Kinderen met ODD - in de klas

Kenmerken van ODD
Volgens het handboek dat wereldwijd door psychiaters wordt gebruikt (DSM-IV), heeft een kind ODD als vier of meer van de onderstaande symptomen worden waargenomen, en dit gedrag langer dan vier maanden aanhoudt;- wordt vaak driftig
- gaat vaak met volwassenen in discussie
- verzoeken of regels van volwassenen worden bewust overtreden of genegeerd
- kliert andere mensen/kinderen
- geeft anderen de schuld van zijn of haar fouten en misdragingen
- wordt snel boos of raakt snel geïrriteerd door anderen
- is vaak boos en lichtgeraakt
- is vaak hatelijk en wraakgierig
Tijdens de kleuterjaren vertonen alle kinderen perioden met agressief gedrag.

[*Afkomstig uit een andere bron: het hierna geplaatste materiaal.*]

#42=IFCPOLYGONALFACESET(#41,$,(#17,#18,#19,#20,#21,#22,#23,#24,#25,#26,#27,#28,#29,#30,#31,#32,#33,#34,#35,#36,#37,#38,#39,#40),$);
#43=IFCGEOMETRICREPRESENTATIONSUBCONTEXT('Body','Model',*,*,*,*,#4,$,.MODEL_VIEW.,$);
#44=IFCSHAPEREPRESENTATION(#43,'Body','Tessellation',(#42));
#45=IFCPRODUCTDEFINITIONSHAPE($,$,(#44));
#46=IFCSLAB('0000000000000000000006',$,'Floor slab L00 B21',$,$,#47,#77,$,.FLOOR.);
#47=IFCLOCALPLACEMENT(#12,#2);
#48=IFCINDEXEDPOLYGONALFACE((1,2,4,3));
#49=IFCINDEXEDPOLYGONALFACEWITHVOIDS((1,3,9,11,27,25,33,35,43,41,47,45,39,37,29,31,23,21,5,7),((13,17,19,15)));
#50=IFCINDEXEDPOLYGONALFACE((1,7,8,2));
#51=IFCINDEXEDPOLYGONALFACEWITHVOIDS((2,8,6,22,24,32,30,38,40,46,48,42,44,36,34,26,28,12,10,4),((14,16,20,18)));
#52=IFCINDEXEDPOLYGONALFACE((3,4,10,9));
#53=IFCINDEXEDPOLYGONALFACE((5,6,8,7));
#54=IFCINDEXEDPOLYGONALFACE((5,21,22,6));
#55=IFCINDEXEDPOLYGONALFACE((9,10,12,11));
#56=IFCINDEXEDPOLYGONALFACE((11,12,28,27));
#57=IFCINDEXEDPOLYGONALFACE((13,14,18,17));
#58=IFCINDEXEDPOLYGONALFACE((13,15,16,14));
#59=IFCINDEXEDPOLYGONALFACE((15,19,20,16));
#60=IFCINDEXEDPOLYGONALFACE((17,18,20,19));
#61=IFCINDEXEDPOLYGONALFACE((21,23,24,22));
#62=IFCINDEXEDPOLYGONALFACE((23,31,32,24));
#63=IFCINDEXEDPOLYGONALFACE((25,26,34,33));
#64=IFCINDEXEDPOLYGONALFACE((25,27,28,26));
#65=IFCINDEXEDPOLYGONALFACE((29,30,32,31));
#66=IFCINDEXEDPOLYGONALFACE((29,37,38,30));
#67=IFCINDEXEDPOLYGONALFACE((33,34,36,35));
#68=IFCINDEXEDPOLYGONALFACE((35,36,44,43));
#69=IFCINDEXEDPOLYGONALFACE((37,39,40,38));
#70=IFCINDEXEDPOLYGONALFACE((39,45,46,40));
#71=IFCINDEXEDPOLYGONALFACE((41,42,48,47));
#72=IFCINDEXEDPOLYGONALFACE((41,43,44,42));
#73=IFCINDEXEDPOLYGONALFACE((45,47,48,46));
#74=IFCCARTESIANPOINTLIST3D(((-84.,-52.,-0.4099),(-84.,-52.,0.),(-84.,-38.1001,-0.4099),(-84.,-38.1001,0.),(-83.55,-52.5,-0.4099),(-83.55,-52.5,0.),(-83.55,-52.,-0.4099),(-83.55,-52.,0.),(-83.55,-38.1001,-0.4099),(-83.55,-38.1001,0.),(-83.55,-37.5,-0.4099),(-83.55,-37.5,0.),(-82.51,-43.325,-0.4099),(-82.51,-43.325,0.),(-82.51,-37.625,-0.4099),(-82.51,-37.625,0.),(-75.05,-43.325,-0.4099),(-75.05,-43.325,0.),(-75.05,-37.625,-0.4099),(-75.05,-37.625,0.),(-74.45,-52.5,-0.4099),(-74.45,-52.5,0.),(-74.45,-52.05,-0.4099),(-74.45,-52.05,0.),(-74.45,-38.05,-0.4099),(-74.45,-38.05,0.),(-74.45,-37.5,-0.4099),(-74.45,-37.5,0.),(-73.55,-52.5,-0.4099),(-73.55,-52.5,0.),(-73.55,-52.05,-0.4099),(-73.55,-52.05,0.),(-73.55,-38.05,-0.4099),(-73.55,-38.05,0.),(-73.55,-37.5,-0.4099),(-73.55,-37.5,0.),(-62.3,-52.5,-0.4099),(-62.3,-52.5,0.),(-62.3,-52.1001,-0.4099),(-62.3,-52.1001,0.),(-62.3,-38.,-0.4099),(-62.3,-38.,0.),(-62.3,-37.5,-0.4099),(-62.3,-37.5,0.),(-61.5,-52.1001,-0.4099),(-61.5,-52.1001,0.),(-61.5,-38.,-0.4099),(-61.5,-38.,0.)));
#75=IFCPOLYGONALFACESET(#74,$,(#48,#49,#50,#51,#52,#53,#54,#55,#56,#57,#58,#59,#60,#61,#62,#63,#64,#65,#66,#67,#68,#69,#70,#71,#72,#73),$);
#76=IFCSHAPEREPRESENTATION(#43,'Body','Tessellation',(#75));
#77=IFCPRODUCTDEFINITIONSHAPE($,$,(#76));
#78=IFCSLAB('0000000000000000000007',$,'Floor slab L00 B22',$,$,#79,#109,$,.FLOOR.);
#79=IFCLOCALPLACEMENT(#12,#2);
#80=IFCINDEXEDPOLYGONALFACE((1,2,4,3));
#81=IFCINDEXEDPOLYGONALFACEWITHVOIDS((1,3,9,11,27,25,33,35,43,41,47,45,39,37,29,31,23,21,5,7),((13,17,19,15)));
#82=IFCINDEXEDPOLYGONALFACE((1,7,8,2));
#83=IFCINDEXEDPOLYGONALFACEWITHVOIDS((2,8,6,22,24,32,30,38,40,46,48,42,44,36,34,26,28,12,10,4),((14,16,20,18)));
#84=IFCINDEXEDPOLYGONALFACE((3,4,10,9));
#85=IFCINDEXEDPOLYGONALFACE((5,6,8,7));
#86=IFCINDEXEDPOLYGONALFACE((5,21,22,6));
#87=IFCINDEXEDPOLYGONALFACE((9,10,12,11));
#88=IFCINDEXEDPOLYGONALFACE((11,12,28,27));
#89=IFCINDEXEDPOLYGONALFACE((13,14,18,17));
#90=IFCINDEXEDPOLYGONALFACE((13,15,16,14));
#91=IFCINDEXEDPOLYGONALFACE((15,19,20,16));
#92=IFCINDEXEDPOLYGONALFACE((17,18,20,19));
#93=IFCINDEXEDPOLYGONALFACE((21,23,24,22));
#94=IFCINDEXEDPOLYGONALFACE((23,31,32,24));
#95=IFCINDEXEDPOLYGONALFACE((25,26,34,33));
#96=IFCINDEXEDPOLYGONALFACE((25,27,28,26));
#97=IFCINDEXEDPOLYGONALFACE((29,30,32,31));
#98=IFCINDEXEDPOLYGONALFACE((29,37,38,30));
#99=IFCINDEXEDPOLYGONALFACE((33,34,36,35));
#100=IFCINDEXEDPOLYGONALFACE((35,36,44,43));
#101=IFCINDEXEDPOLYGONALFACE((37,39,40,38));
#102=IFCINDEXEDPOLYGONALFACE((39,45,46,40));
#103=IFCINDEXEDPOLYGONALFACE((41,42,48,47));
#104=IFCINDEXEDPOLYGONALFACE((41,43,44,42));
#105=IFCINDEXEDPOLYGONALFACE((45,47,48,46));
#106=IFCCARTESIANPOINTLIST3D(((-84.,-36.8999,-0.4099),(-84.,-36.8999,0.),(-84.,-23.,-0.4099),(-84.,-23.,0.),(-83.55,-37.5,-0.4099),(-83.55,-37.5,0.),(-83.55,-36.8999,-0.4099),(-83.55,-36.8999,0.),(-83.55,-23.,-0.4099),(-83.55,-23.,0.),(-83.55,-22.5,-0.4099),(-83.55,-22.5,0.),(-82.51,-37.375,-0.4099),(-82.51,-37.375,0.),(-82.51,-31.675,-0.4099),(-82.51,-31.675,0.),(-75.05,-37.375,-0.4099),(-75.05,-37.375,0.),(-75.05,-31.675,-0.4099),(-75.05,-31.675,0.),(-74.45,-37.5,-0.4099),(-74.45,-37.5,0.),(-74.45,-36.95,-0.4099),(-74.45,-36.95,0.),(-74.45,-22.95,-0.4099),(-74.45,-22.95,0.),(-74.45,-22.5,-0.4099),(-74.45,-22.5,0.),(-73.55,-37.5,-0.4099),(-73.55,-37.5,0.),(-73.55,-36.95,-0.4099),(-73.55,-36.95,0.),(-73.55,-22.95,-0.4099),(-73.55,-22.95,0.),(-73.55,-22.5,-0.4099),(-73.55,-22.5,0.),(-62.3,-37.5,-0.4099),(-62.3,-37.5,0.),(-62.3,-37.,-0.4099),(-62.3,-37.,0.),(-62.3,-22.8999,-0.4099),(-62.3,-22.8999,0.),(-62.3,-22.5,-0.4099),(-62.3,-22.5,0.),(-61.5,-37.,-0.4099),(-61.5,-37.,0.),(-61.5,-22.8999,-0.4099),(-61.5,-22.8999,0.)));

Maar door de toenemende (taal)ontwikkeling leert het kind zijn gevoelens en gedachten te uiten, waardoor het agressieve gedrag af neemt. Als het kind naar de basisschool gaat, valt het afwijkende gedrag steeds meer op. Elk kind geeft zijn ouders weleens een grote mond, of slaat een ander kind. Maar bij ODD is dit gedrag constant aanwezig.
Meer informatie over ODD
CD
De gedragsstoornis veroorzaakt beperkingen op sociaal gebied, op school of op het werk. Als het niet tijdig wordt herkend, bestaat een kans dat het kind CD ontwikkelt. Dan is het kind agressief naar mensen en dieren, vernielt opzettelijk, gaat stelen, liegen, et cetera.Op school
Aanpassingen van de leerstof- Voldoende uitdagingen bieden.
- Verdeel de leerstof in kleine, overzichtelijke stapjes.
Leer- en hulpmiddelen
- Bied een duidelijke structuur aan.
- Zorg voor een voorspelbare leeromgeving.
- Zorg voor veiligheid, orde en regelmaat.
- Zorg voor structuur en vaste routines.
- Maak een planning voor elke dag.
Houding
- Tolereer geen geweld.
- Laat het kind de energie gebruiken in een sport.
- Breng structuur aan.
- Laat het kind helpen in de klas met klusjes.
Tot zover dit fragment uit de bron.